# Late packages from Hardeman



## SG12 (Feb 27, 2011)

After a good experience last year, I ordered 3 packages from Hardeman Apiaries on 1/3/14. I shortly received an invoice listing a ship date of 4/22 (later than I'd hoped for, but okay). I called after that date to check on the shipping schedule, and I was told that they were 2-3 weeks behind. I followed up again today after 3 weeks had passed without a call from the post office. This time I was told that they weren't shipping anything now and the next shipments would likely be sometime in June. 

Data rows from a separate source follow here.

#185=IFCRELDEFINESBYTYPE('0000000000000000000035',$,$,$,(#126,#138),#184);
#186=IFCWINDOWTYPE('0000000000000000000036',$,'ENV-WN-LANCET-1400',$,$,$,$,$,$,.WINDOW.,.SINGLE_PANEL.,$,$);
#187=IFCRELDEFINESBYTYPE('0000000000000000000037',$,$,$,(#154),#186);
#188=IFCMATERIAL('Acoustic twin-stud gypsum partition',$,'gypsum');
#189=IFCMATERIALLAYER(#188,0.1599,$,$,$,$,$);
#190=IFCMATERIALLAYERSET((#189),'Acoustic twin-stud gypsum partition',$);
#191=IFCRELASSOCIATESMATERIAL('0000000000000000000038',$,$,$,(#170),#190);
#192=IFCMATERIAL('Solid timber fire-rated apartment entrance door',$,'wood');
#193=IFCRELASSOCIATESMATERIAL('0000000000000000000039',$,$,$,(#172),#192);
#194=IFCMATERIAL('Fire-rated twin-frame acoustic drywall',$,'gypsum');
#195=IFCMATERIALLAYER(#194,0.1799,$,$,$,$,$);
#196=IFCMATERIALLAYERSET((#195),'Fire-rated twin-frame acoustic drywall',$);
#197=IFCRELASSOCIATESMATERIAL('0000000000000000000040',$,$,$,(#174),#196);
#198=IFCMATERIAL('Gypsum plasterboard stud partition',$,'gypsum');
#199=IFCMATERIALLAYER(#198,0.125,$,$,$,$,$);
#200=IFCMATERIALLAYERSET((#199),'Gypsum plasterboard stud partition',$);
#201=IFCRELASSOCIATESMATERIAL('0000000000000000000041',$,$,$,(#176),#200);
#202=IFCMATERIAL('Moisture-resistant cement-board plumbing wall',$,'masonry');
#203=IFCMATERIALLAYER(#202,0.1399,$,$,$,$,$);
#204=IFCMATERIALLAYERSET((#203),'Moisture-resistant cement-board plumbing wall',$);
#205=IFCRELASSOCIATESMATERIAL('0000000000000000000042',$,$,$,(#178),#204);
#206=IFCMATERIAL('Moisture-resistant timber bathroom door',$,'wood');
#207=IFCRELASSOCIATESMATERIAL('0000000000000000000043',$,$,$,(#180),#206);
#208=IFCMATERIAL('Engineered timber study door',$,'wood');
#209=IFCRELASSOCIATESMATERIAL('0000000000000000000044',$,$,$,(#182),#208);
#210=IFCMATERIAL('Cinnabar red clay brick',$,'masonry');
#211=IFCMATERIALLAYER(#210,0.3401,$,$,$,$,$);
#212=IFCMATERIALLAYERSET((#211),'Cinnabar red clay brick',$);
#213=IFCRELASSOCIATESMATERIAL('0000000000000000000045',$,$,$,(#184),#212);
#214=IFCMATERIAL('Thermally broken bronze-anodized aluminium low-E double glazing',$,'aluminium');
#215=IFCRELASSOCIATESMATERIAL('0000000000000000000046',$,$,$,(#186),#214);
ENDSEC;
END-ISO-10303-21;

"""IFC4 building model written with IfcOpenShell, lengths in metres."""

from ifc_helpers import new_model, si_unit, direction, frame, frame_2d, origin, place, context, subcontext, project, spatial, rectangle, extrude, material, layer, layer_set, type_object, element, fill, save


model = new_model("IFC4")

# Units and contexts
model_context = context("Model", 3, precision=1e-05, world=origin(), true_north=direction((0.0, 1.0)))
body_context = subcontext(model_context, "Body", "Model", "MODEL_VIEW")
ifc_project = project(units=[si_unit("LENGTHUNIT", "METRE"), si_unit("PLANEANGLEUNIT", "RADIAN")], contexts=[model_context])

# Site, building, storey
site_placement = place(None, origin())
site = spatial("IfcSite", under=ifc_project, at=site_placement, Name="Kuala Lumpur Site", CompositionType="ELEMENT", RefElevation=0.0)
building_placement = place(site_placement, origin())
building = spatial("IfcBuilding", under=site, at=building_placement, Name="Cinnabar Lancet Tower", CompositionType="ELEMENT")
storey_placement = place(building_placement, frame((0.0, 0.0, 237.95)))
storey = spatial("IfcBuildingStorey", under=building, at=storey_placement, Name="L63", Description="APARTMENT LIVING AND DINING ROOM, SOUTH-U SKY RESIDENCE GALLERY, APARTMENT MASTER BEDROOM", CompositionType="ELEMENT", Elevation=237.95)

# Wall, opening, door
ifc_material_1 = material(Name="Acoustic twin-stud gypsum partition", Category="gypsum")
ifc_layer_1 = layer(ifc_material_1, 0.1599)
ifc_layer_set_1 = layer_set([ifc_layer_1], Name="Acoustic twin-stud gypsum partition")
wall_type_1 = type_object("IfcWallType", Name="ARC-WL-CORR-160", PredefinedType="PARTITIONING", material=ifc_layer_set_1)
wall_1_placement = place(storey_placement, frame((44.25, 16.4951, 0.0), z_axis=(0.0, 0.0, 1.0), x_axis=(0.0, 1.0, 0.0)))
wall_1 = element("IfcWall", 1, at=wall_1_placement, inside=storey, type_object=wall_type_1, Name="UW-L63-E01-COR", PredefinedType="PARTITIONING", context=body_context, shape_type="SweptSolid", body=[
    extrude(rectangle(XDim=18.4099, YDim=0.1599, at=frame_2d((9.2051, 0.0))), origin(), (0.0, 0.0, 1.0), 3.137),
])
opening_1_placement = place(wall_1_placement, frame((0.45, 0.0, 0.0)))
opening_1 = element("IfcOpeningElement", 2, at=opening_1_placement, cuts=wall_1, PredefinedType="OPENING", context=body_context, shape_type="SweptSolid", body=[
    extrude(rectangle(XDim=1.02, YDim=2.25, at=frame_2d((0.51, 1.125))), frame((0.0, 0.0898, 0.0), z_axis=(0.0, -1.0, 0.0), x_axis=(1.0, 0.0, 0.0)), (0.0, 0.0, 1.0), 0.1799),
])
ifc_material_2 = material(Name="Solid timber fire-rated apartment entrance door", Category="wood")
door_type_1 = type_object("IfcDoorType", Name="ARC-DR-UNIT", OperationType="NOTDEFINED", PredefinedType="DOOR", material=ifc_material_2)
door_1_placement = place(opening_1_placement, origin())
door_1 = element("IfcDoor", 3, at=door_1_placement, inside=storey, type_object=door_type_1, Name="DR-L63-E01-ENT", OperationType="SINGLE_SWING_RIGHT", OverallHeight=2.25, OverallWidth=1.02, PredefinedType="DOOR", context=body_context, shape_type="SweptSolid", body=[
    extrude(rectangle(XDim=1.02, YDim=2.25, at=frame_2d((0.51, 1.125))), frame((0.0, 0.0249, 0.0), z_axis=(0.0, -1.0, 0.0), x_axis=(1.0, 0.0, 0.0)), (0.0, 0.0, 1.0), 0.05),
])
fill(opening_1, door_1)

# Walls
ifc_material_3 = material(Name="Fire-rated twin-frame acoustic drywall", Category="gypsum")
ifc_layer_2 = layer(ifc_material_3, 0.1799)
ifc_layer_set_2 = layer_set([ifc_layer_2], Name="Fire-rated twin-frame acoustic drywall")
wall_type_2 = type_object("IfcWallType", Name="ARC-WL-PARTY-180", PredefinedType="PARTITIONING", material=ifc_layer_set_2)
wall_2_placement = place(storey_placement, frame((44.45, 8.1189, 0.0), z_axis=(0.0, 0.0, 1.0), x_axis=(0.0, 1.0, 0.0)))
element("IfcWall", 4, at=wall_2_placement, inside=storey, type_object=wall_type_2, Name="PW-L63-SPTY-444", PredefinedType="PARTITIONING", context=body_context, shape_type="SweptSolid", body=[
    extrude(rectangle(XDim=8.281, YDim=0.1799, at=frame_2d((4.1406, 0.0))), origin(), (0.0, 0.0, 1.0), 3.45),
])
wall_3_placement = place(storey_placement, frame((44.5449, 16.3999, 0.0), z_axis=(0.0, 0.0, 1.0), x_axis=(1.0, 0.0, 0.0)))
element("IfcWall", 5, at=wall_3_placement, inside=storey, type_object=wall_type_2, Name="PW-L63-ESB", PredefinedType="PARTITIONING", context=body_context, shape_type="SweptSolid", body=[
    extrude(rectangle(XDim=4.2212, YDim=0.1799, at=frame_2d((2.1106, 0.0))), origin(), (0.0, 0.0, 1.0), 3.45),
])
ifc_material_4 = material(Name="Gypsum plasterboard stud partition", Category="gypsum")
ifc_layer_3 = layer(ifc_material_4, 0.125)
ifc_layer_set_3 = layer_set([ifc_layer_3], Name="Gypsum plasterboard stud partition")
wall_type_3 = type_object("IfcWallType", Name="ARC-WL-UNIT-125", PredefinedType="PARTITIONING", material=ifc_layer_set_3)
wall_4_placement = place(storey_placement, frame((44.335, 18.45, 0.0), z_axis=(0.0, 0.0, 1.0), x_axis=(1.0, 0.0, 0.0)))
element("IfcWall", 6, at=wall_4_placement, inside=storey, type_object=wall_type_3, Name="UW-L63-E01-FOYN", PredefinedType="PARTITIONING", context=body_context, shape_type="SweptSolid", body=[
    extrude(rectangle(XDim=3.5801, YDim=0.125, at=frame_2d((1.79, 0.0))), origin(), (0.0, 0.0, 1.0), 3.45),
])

Has anyone else had a similar experience with Hardeman this year? Any idea whether they had bad weather this spring, or did my small order get shuffled to the back of the line?


----------



## ken rice (Apr 28, 2010)

My April 5th was on time. April 27th was backed up a week because of all the rain.


----------



## beemandan (Dec 5, 2005)

SG12 said:


> or did my small order get shuffled to the back of the line?


You might be on to something. I got an email from Walter Kelley last week saying that they'd gotten some extra packages. In the past they got their packages from Hardemans.......so, if they still are......


----------



## mdax (Apr 29, 2013)

I also have an invoice for two 4/22 packages that haven't arrived


----------



## My-smokepole (Apr 14, 2008)

I pick up 100 June 2 all but 2 look great after the 13.5 hour drive home. Along cold drive home in my full size van. The worst part was I had hope to pick them up April 22. Unless you call them, they don't inform you of delivery problems. They didn't seem to have any idea of how their production of bee was going. I was strung along with the start of May deliveries until June. Waiting to see how the queens do know. Thank god the packages I kept are going on drawer comb. 
David


----------